# Poset game

In combinatorial game theory, poset games are mathematical games of strategy, generalizing many well-known games such as Nim and Chomp. In such games, two players start with a poset (a partially ordered set), and take turns choosing one point in the poset, removing it and all points that are greater. The player who is left with no point to choose, loses.

## Game play

Given a partially ordered set (P, <), let

$P_{x}=P-\{a\mid a\geq x\}$ denote the poset formed by removing x from P.

A poset game on P, played between two players conventionally named Alice and Bob, is as follows:

• Alice chooses a point x ∈ P; thus replacing P with Px, and then passes the turn to Bob who plays on Px, and passes the turn to Alice.
• A player loses if it is his/her turn and there are no points to choose.

## Examples

If P is a finite totally ordered set, then game play in P is exactly the same as the game play in a game of Nim with a heap of size |P|. For, in both games, it is possible to choose a move that leads to a game of the same type whose size is any number smaller than |P|. In the same way, a poset game with a disjoint union of total orders is equivalent to a game of Nim with multiple heaps with sizes equal to the chains in the poset.

A special case of Hackenbush, in which all edges are green (able to be cut by either player) and every configuration takes the form of a forest, may be expressed similarly, as a poset game on a poset in which, for every element x, there is at most one element y for which x covers y. If x covers y, then y is the parent of x in the forest on which the game is played.
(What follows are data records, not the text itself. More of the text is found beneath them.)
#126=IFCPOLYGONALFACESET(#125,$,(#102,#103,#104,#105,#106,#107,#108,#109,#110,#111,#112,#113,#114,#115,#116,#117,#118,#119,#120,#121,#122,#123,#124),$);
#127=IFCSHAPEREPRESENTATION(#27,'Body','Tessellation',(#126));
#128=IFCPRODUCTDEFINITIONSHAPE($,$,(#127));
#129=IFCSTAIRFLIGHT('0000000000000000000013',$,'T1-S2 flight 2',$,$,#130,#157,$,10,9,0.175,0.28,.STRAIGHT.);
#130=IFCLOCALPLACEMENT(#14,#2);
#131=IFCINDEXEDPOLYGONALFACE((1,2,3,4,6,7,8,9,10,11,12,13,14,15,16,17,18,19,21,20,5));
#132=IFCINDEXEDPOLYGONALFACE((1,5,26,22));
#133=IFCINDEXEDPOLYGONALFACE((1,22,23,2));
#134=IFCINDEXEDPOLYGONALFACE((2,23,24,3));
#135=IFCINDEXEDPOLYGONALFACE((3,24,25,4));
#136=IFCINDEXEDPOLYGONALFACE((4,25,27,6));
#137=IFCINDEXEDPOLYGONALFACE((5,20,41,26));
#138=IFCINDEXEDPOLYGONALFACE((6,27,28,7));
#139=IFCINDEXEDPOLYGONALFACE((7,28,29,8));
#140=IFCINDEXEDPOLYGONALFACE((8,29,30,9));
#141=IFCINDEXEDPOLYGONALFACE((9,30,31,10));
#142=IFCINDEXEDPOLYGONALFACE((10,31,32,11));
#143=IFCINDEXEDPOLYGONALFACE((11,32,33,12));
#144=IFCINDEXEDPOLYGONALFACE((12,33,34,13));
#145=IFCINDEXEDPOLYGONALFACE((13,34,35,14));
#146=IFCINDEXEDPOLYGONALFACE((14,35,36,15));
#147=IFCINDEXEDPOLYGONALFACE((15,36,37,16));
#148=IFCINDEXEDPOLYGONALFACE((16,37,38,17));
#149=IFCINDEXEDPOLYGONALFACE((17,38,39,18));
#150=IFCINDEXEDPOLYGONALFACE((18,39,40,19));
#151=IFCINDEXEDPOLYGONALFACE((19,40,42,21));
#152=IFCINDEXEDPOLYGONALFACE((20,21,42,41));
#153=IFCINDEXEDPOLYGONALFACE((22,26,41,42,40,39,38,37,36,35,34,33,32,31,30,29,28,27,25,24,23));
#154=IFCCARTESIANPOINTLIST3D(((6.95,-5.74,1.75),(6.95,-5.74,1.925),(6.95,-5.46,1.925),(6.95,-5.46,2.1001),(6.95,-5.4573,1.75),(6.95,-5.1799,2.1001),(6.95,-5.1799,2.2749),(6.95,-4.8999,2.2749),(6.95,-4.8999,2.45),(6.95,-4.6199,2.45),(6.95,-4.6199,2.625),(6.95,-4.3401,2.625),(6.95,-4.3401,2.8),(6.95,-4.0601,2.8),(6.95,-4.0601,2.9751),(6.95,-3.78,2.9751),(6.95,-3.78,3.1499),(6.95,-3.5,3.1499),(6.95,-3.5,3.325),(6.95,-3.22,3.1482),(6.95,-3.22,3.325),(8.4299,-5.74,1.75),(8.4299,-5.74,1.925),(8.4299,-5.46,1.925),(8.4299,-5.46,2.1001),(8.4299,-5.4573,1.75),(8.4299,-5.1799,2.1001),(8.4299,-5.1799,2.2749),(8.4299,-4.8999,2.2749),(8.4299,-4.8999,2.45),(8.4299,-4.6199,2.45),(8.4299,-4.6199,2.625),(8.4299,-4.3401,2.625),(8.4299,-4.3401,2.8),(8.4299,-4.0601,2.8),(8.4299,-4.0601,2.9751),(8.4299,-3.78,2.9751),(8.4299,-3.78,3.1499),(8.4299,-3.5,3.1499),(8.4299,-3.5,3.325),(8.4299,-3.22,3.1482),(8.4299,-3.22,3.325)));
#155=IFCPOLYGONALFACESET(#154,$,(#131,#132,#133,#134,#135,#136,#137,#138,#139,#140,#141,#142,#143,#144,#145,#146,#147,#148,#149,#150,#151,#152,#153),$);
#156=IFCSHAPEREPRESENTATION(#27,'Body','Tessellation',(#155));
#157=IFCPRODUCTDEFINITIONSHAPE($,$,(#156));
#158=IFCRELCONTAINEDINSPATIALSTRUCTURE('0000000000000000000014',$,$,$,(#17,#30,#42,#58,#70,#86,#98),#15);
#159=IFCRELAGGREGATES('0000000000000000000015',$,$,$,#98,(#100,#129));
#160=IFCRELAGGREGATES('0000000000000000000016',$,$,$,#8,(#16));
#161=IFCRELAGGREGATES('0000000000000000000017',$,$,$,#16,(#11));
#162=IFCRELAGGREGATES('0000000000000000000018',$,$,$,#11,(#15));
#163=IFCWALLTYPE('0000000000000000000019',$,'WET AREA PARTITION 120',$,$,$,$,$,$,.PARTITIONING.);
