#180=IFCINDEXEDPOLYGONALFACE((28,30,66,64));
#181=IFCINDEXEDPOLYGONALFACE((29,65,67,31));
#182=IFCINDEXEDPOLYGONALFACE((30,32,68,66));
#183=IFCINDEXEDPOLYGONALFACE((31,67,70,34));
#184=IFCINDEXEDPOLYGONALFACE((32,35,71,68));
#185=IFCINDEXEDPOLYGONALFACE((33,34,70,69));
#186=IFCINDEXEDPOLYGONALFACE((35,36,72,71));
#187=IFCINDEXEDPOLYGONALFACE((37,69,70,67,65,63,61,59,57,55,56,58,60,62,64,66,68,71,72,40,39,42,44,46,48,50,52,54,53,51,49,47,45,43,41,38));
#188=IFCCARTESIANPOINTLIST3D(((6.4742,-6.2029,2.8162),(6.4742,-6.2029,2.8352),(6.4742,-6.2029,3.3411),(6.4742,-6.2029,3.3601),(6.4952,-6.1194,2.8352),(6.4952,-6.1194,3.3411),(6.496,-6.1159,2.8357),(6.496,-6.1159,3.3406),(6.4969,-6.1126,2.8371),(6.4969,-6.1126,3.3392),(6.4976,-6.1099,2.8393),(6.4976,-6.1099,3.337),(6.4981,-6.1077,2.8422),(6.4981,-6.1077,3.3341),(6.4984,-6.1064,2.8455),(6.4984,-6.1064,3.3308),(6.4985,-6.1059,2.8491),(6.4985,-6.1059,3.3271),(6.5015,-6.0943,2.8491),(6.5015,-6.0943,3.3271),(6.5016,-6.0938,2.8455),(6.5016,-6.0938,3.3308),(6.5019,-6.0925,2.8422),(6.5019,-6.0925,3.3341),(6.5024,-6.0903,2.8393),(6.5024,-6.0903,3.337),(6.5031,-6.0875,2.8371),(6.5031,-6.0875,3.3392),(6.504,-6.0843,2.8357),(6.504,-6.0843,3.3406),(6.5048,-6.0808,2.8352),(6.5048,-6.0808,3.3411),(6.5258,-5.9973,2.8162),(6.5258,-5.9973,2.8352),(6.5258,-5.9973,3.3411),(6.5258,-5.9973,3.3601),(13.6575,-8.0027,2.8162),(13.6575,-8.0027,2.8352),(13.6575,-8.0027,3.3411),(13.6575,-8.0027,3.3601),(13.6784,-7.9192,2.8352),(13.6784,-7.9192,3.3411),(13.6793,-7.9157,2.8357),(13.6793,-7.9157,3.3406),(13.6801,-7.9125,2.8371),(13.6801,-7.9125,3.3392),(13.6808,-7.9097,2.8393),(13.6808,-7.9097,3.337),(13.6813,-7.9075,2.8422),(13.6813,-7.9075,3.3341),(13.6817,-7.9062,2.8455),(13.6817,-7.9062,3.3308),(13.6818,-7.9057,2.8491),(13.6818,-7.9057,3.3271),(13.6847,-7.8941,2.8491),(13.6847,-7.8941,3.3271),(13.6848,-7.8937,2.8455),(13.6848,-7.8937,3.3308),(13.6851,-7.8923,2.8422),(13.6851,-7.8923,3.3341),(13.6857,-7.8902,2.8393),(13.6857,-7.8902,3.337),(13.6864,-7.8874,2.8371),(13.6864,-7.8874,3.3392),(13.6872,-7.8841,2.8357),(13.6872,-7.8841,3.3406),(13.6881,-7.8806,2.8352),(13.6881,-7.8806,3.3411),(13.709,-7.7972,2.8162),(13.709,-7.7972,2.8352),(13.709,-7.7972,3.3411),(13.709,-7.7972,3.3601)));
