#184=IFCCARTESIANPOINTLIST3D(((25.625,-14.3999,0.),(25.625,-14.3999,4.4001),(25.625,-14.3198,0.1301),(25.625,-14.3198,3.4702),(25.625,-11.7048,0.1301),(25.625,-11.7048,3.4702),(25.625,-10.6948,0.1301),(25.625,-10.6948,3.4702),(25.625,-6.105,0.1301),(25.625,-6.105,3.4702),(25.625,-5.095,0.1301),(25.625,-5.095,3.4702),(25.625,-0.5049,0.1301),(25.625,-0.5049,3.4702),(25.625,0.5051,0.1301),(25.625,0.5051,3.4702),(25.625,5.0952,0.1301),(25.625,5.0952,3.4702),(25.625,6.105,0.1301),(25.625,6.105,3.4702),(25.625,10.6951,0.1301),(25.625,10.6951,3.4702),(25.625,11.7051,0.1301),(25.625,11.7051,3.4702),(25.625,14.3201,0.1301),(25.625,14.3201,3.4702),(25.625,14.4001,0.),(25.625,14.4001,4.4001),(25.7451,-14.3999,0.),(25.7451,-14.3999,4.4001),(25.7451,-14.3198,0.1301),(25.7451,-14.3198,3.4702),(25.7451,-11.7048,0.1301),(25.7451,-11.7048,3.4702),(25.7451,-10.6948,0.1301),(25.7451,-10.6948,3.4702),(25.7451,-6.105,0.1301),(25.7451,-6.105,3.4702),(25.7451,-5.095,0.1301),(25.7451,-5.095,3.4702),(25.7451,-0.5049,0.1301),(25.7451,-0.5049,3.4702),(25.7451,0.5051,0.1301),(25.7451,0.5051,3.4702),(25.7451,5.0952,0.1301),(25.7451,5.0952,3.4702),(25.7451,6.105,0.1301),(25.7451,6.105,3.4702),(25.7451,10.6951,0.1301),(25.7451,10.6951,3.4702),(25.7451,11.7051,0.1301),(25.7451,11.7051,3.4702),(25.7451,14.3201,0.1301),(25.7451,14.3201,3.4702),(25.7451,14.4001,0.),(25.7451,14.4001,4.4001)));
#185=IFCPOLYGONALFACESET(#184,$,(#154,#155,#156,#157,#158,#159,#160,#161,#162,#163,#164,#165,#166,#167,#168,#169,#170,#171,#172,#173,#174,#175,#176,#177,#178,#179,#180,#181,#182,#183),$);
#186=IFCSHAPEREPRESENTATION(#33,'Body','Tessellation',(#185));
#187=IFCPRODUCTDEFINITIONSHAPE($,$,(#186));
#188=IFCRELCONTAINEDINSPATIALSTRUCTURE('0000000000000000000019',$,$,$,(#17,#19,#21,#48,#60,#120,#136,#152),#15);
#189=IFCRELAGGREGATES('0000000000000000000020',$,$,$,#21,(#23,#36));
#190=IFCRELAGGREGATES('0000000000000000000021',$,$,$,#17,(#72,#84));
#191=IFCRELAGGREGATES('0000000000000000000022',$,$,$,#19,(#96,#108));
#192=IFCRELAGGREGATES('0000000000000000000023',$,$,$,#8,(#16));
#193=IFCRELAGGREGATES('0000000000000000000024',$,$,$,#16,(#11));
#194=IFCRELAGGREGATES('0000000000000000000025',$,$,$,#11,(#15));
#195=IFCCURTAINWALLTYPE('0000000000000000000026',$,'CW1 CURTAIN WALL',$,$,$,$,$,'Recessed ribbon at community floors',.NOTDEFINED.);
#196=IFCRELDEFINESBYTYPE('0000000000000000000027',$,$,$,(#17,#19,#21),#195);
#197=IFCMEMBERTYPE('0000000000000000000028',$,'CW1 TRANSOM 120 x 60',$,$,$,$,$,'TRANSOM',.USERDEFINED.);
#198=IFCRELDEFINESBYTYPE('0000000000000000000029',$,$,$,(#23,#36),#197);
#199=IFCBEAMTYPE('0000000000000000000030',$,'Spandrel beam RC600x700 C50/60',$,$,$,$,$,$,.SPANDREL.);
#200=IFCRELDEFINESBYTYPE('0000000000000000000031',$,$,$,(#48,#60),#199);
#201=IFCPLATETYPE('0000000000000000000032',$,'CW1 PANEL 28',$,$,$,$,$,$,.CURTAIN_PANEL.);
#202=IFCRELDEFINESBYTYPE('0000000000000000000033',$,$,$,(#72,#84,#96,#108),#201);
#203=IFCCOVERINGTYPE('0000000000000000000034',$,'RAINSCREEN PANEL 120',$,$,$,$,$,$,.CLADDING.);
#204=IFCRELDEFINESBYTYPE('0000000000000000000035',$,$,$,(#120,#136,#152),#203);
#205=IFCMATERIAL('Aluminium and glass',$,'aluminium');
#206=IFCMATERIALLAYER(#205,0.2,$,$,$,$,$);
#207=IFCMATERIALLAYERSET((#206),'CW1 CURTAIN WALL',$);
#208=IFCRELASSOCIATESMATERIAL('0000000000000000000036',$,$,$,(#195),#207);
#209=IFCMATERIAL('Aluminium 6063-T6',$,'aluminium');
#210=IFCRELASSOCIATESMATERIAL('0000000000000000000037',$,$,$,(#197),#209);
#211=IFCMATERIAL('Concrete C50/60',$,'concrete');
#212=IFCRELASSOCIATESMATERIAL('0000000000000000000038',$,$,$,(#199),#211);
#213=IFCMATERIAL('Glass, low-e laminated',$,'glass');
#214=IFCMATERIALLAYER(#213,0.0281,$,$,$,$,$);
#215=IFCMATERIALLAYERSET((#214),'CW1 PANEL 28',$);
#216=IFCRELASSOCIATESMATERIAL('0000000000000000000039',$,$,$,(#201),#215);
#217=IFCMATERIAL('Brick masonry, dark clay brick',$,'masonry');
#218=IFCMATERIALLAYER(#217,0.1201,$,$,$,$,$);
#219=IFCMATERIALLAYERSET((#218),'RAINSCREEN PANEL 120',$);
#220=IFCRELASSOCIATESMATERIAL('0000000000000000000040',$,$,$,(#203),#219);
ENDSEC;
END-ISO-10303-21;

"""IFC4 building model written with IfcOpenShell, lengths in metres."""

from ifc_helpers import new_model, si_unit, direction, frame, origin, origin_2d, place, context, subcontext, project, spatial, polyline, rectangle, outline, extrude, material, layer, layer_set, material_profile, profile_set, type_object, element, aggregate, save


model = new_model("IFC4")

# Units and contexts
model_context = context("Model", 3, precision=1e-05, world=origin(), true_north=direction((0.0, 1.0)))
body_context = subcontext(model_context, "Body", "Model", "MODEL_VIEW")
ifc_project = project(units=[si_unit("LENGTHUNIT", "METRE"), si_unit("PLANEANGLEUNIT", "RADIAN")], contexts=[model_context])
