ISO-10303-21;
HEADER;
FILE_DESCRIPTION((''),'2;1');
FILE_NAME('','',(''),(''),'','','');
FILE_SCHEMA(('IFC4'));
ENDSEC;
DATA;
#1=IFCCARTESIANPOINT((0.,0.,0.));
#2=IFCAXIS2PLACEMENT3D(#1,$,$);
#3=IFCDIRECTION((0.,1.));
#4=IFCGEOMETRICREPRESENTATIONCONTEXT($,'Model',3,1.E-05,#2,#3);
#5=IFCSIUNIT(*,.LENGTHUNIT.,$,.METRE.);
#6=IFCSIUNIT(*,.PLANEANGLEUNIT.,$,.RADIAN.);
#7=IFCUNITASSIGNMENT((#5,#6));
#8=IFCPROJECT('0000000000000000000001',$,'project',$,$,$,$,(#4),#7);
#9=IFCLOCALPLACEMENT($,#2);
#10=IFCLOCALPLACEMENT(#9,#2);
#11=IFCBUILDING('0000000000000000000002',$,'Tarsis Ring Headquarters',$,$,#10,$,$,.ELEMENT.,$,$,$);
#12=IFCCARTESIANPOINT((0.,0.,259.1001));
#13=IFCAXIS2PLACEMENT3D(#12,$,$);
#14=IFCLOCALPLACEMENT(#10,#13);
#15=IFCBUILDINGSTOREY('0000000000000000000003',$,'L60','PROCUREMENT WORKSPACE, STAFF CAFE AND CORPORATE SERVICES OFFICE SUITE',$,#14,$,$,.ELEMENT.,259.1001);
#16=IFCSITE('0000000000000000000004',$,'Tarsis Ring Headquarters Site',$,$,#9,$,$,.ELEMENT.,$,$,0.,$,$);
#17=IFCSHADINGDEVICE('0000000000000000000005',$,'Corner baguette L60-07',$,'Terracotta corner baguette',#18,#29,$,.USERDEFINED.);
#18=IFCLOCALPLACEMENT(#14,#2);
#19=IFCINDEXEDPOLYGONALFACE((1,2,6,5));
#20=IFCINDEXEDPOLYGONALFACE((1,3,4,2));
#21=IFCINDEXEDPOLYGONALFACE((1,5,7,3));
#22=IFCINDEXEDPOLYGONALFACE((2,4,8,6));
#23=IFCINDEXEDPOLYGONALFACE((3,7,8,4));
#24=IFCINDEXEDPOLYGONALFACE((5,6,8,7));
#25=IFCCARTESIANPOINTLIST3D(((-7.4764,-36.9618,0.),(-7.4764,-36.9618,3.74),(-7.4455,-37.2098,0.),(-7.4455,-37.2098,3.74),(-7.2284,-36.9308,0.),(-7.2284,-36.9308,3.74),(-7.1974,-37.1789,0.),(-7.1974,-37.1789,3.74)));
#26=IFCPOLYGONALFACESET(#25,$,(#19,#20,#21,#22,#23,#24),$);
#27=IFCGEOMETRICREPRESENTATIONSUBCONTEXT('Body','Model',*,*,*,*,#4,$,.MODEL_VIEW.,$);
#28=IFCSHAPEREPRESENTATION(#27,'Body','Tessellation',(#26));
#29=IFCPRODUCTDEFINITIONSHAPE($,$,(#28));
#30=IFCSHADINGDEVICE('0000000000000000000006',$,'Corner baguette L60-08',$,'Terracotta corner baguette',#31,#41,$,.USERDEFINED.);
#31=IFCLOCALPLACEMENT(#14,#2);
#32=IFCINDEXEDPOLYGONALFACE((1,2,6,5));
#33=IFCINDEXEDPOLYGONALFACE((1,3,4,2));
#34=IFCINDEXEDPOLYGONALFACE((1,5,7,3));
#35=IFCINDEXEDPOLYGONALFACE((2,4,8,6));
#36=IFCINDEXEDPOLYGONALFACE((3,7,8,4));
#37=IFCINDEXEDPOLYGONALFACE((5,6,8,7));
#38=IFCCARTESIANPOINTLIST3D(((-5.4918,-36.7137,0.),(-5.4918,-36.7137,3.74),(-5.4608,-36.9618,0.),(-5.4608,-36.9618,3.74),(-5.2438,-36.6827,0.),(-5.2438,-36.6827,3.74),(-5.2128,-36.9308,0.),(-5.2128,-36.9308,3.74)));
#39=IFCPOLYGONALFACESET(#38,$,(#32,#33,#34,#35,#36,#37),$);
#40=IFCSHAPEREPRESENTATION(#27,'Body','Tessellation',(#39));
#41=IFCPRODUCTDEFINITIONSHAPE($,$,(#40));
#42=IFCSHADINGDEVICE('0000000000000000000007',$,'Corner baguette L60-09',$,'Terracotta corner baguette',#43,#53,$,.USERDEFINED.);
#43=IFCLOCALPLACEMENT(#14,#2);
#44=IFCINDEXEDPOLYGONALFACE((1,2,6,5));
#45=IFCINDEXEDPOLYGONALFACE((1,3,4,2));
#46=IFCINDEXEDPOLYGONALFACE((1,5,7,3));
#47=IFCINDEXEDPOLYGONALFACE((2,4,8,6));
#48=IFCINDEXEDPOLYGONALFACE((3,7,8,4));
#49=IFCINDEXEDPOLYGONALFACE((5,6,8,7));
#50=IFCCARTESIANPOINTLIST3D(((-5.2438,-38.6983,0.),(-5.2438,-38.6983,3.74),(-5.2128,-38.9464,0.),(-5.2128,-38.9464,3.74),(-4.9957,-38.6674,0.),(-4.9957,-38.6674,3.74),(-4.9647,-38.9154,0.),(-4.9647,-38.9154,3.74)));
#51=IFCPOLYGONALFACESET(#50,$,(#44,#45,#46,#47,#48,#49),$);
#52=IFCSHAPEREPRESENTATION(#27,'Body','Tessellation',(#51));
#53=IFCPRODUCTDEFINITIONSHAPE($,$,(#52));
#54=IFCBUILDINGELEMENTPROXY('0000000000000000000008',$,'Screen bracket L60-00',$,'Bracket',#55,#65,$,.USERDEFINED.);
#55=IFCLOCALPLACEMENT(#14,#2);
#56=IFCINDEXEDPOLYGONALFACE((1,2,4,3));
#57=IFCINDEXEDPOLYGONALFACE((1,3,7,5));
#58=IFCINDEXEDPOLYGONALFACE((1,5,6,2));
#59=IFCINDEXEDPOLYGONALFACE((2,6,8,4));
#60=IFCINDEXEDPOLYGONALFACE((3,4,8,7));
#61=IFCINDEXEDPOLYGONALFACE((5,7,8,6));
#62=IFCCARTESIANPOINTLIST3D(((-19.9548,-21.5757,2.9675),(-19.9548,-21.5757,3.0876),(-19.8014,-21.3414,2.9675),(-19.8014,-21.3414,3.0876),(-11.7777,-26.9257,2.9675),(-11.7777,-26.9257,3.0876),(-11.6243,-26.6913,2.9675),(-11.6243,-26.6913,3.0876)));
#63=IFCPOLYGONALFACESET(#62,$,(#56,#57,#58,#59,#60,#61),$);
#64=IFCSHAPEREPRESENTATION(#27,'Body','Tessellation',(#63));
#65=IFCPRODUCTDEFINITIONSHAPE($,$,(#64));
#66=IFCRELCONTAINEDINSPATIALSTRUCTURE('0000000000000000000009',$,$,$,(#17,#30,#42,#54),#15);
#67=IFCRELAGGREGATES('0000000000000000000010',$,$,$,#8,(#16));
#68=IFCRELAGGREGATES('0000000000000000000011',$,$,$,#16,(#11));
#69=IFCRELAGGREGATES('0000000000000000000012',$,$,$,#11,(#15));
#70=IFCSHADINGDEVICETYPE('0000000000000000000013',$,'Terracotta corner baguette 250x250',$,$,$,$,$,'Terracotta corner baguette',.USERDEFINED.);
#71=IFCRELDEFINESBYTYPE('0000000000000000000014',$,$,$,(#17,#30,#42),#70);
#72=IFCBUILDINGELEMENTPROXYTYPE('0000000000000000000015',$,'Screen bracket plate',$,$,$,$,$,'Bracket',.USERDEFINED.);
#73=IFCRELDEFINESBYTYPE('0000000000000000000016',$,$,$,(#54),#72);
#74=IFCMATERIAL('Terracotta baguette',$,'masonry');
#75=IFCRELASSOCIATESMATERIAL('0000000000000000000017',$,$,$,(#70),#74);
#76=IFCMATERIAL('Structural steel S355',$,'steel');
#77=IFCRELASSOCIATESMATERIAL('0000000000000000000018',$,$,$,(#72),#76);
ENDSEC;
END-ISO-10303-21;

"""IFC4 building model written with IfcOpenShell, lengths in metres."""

from ifc_helpers import new_model, si_unit, direction, frame, origin, origin_2d, place, context, subcontext, project, spatial, rectangle, extrude, material, type_object, element, save


model = new_model("IFC4")

# Units and contexts
model_context = context("Model", 3, precision=1e-05, world=origin(), true_north=direction((0.0, 1.0)))
body_context = subcontext(model_context, "Body", "Model", "MODEL_VIEW")
ifc_project = project(units=[si_unit("LENGTHUNIT", "METRE"), si_unit("PLANEANGLEUNIT", "RADIAN")], contexts=[model_context])

# Site, building, storey
site_placement = place(None, origin())
site = spatial("IfcSite", under=ifc_project, at=site_placement, Name="Tarsis Ring Headquarters Site", CompositionType="ELEMENT", RefElevation=0.0)
building_placement = place(site_placement, origin())
building = spatial("IfcBuilding", under=site, at=building_placement, Name="Tarsis Ring Headquarters", CompositionType="ELEMENT")
storey_placement = place(building_placement, frame((0.0, 0.0, 259.1001)))
storey = spatial("IfcBuildingStorey", under=building, at=storey_placement, Name="L60", Description="PROCUREMENT WORKSPACE, STAFF CAFE AND CORPORATE SERVICES OFFICE SUITE", CompositionType="ELEMENT", Elevation=259.1001)

# Shared definitions
ifc_material_1 = material(Name="Structural steel S355", Category="steel")

# Shading devices
ifc_material_2 = material(Name="Terracotta baguette", Category="masonry")
shading_device_type_1 = type_object("IfcShadingDeviceType", Name="Terracotta corner baguette 250x250", ElementType="Terracotta corner baguette", PredefinedType="USERDEFINED", material=ifc_material_2)
for number, where, z_axis, x_axis, name in (
    (1, (-7.3369, -37.0703, 0.0), (0.0, 0.0, 1.0), (0.123948, -0.992289, 0.0), "Corner baguette L60-07"),
    (2, (-5.3523, -36.8223, 0.0), (0.0, 0.0, 1.0), (0.992289, 0.123948, 0.0), "Corner baguette L60-08"),
    (3, (-5.1042, -38.8069, 0.0), (0.0, 0.0, 1.0), (0.123948, -0.992289, 0.0), "Corner baguette L60-09"),
):
    element("IfcShadingDevice", number, at=place(storey_placement, frame(where, z_axis=z_axis, x_axis=x_axis)), inside=storey, type_object=shading_device_type_1, Name=name, ObjectType="Terracotta corner baguette", PredefinedType="USERDEFINED", context=body_context, shape_type="SweptSolid", body=[
        extrude(rectangle(XDim=0.25, YDim=0.25, at=origin_2d()), origin(), (0.0, 0.0, 1.0), 3.74),
    ])

# Building element proxy
building_element_proxy_type = type_object("IfcBuildingElementProxyType", Name="Screen bracket plate", ElementType="Bracket", PredefinedType="USERDEFINED", material=ifc_material_1)
proxy_placement = place(storey_placement, frame((-15.7896, -24.1335, 2.9675), z_axis=(0.0, 0.0, 1.0), x_axis=(0.836812, -0.54749, 0.0)))
element("IfcBuildingElementProxy", 4, at=proxy_placement, inside=storey, type_object=building_element_proxy_type, Name="Screen bracket L60-00", ObjectType="Bracket", PredefinedType="USERDEFINED", context=body_context, shape_type="SweptSolid", body=[
    extrude(rectangle(XDim=9.7717, YDim=0.28, at=origin_2d()), origin(), (0.0, 0.0, 1.0), 0.1201),
])

save(model, "model.ifc")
Chomp may be expressed similarly, as a poset game on the product of total orders from which the infimum has been removed.

## Grundy value

Poset games are impartial games, meaning that every move available to Alice would also be available to Bob if Alice were allowed to pass, and vice versa. Therefore, by the Sprague–Grundy theorem, every position in a poset game has a Grundy value, a number describing an equivalent position in the game of Nim. The Grundy value of a poset may be calculated as the least natural number which is not the Grundy value of any Px, x ∈ P. That is,

$G(P)=\min {\bigl (}\mathbb {N} \setminus \{G(P_{x})\mid x\in P\}{\bigr )}.$ This number may be used to describe the optimal game play in a poset game. In particular, the Grundy value is nonzero when the player whose turn it is has a winning strategy, and zero when the current player cannot win against optimal play from his or her opponent. A winning strategy in the game consists of moving to a position whose Grundy value is zero, whenever this is possible.

## Strategy stealing

A strategy-stealing argument shows that the Grundy value is nonzero for every poset that has a supremum. For, let x be the supremum of a partially ordered set P. If Px has Grundy value zero, then P itself has a nonzero value, by the formula above; in this case, x is a winning move in P. If, on the other hand, Px has a nonzero Grundy value, then there must be a winning move y in Px, such that the Grundy value of (Px)y is zero. But by the assumption that x is a supremum, x > y and (Px)y = Py, so the winning move y is also available in P and again P must have a nonzero Grundy value.

For more trivial reasons a poset with an infimum also has a nonzero Grundy value: moving to the infimum is always a winning move.

## Complexity

Deciding the winner of an arbitrary finite poset game is PSPACE-complete. This means that unless P=PSPACE, computing the Grundy value of an arbitrary poset game is computationally difficult.